The Proinflammatory Myeloid Cell Receptor TREM-1 Controls Kupffer Cell Activation and Development of Hepatocellular Carcinoma

TREM-1 deficiency decreases of DEN-induced hepatic injury. WT and Trem1^−/− male mice were treated for 4 hours with DEN (100 mg/kg) or left untreated. A and B, livers of WT or Trem1^−/− mice were assessed for apoptosis by TUNEL staining. Original magnification, ×40. Values are mean ± SD for independent animals (n = 5). One of 4 similar experiments is shown. C, levels of IL-6 and ALT (F) in serum of WT and Trem1^−/− mice treated with DEN at indicated time. D and E, hepatocyte proliferation in livers of WT or Trem1^−/− mice was assessed by injecting mice with BrdUrd (1 mg/mL) 2 hours before the liver was removed. BrdUrd-positive cells were identified by immunostaining. Original magnification, ×40. Values are mean ± SD for independent animals (n = 3). One of 3 similar experiments is shown. Data are shown as mean ± SD (n = 5 mice per group). For all panels statistical significance is indicated (*P < 0.05, **P < 0.01); h, hour. One of 4 similar experiments is shown.

Loss of TREM-1 alters recruitment of neutrophils and monocytes. Bone marrow, blood, and liver samples of indicated mice were stained with appropriate mAbs and analyzed by flow cytometry. Data are shown as mean ± SD (n = 3 mice per group) of neutrophils (CD11b^high, Ly6G⁺; A) and monocytes (CD11b⁺, Ly6C^high; B) and represent 1 experiment of 3 independent experiments with similar results.

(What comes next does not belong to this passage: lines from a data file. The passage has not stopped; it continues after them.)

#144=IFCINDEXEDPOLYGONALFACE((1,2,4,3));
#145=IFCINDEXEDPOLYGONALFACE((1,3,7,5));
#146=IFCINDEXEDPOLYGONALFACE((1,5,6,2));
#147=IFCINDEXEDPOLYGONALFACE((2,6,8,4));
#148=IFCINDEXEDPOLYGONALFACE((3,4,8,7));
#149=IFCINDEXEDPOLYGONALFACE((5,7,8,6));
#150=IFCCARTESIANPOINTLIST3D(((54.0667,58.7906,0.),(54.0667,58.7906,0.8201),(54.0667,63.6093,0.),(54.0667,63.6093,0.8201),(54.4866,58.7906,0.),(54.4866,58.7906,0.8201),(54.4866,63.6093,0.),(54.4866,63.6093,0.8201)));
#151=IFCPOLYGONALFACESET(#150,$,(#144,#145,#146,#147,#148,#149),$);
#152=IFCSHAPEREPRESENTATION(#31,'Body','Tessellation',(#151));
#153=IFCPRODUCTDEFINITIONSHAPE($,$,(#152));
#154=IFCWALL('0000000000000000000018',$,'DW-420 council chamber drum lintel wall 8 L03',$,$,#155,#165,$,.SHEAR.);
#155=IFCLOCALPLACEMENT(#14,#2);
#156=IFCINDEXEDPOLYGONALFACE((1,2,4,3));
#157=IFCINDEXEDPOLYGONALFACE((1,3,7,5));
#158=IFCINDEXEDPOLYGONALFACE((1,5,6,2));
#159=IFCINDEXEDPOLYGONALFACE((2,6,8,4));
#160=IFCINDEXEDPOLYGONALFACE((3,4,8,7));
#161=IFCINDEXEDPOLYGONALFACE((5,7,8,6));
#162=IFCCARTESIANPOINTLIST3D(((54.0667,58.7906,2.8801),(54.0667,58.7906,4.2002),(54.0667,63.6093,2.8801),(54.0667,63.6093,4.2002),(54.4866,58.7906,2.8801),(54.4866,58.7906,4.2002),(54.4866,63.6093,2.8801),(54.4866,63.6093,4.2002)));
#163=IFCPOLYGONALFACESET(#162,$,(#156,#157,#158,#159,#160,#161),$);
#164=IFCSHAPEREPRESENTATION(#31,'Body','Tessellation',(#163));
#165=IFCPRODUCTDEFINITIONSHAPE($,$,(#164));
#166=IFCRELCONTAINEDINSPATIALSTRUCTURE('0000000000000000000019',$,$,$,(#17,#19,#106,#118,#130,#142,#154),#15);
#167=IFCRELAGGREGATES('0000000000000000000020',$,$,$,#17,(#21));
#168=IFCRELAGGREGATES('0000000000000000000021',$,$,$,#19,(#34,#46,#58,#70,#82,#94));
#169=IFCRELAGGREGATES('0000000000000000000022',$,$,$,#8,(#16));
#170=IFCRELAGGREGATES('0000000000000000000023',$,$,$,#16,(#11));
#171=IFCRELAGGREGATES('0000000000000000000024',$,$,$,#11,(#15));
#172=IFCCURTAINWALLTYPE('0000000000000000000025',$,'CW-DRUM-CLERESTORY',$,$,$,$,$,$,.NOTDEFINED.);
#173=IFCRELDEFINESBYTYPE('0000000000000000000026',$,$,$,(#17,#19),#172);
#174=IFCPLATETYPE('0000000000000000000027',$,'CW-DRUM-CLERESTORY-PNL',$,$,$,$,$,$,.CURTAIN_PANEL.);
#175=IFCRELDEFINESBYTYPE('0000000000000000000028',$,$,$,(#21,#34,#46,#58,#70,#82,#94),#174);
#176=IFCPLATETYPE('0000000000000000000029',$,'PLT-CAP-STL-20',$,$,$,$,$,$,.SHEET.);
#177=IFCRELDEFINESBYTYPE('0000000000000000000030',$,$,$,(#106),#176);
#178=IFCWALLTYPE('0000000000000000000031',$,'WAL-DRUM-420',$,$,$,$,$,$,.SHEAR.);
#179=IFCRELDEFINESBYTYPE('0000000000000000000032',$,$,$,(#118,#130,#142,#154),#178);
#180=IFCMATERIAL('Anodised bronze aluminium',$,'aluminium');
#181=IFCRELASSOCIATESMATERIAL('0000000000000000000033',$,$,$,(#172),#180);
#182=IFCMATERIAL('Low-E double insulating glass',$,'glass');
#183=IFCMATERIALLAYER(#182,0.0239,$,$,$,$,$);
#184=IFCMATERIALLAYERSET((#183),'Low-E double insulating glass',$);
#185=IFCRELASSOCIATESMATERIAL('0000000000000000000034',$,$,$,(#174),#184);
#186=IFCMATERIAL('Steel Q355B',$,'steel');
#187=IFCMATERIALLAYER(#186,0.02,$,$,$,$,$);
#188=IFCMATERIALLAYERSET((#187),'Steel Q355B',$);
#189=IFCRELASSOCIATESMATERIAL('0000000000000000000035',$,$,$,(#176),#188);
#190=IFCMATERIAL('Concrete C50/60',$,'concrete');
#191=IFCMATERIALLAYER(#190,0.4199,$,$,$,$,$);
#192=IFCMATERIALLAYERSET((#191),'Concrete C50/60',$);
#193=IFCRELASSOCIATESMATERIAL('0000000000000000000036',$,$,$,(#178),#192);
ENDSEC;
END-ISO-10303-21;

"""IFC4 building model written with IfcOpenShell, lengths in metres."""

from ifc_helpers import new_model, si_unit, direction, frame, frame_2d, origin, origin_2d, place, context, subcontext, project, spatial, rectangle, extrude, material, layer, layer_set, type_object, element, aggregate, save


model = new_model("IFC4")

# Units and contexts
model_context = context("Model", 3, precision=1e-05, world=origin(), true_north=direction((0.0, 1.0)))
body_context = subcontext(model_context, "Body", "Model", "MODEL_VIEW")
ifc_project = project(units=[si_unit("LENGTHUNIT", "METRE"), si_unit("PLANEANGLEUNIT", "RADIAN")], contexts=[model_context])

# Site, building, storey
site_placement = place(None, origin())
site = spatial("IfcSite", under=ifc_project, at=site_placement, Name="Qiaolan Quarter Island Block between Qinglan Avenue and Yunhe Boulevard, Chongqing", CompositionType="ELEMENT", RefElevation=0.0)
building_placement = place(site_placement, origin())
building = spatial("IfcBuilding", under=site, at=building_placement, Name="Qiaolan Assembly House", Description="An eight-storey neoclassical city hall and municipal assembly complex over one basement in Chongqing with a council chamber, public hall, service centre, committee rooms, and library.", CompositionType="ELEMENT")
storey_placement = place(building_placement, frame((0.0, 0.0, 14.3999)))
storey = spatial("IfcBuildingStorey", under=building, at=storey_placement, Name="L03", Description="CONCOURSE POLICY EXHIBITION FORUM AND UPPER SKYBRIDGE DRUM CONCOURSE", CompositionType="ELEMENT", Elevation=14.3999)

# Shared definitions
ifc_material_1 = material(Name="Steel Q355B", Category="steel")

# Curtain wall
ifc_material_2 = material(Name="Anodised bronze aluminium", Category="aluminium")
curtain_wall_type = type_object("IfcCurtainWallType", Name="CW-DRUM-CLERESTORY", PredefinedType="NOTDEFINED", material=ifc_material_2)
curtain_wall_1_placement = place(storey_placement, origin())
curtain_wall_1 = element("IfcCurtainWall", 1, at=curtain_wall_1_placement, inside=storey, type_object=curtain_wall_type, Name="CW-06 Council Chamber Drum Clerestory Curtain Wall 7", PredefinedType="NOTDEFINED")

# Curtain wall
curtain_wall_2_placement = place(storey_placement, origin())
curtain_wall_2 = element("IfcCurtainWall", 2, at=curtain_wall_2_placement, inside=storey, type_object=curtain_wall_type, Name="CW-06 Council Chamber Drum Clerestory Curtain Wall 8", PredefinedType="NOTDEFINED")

TREM-1 deletion alters activation of Kupffer cells in response to DEN and decreases expression of genes involved in inflammatory responses, cell-cycle regulation and apoptosis. A, WT and Trem1^−/− male mice (n = 10 mice per group) were treated for 4 hours with DEN. Cells from total livers, isolated hepatocytes, or Kupffer cells were subjected to RNA isolation and microarray analysis. The average fold induction/decrease was obtained by comparison of Trem1^−/− mice with WT mice. Fold changes in proinflammatory cytokine and chemokine gene expression (A), in genes related to NF-κB signaling pathway (B), and in genes related to JNK/p38 signaling pathway (C) are shown. Shown is one representative experiment from 2 independent experiments. Values are mean ± SD. D–F, WT and Trem1^−/− mice were treated for 4 hours with DEN or left untreated (n = 4 mice per group). RNA samples extracted from livers were subjected to NanoString analysis. Decreased expression in genes involved in inflammation (D), cell-cycle regulation (E), and apoptosis (F) was observed in Trem1^−/− mice post-DEN treatment. The results are expressed as mean ± SE. Statistical significance is indicated.

Adoptively transferred Kupffer cells from WT mice increased DEN-induced liver injury in Trem1^−/− mice. A, immunofluorescence staining of liver sections with FITC-conjugated anti-F4/80 mAb after 48-hour injection of clodronate-containing liposomes. D, reconstitution of predepleted livers with Kupffer cells from WT mice to indicated mice. Adoptively transferred cells were observed at 18 hours by immunofluorescence staining; bar, 20 μm. Mice were given a dose of DEN at 18 hours after Kupffer cell reconstitution and ALT (B) and IL-6 (C) in serum were measured at indicated time. Data shown are means ± SD of 4 mice per group and representative of 2 independent experiments. E and F, 4 hours after DEN treatment gene expression profile of reconstituted liver was carried out using NanoString Technology. Values indicate mean ± SE of 4 mice per time point in each group. ns, not statistically significant.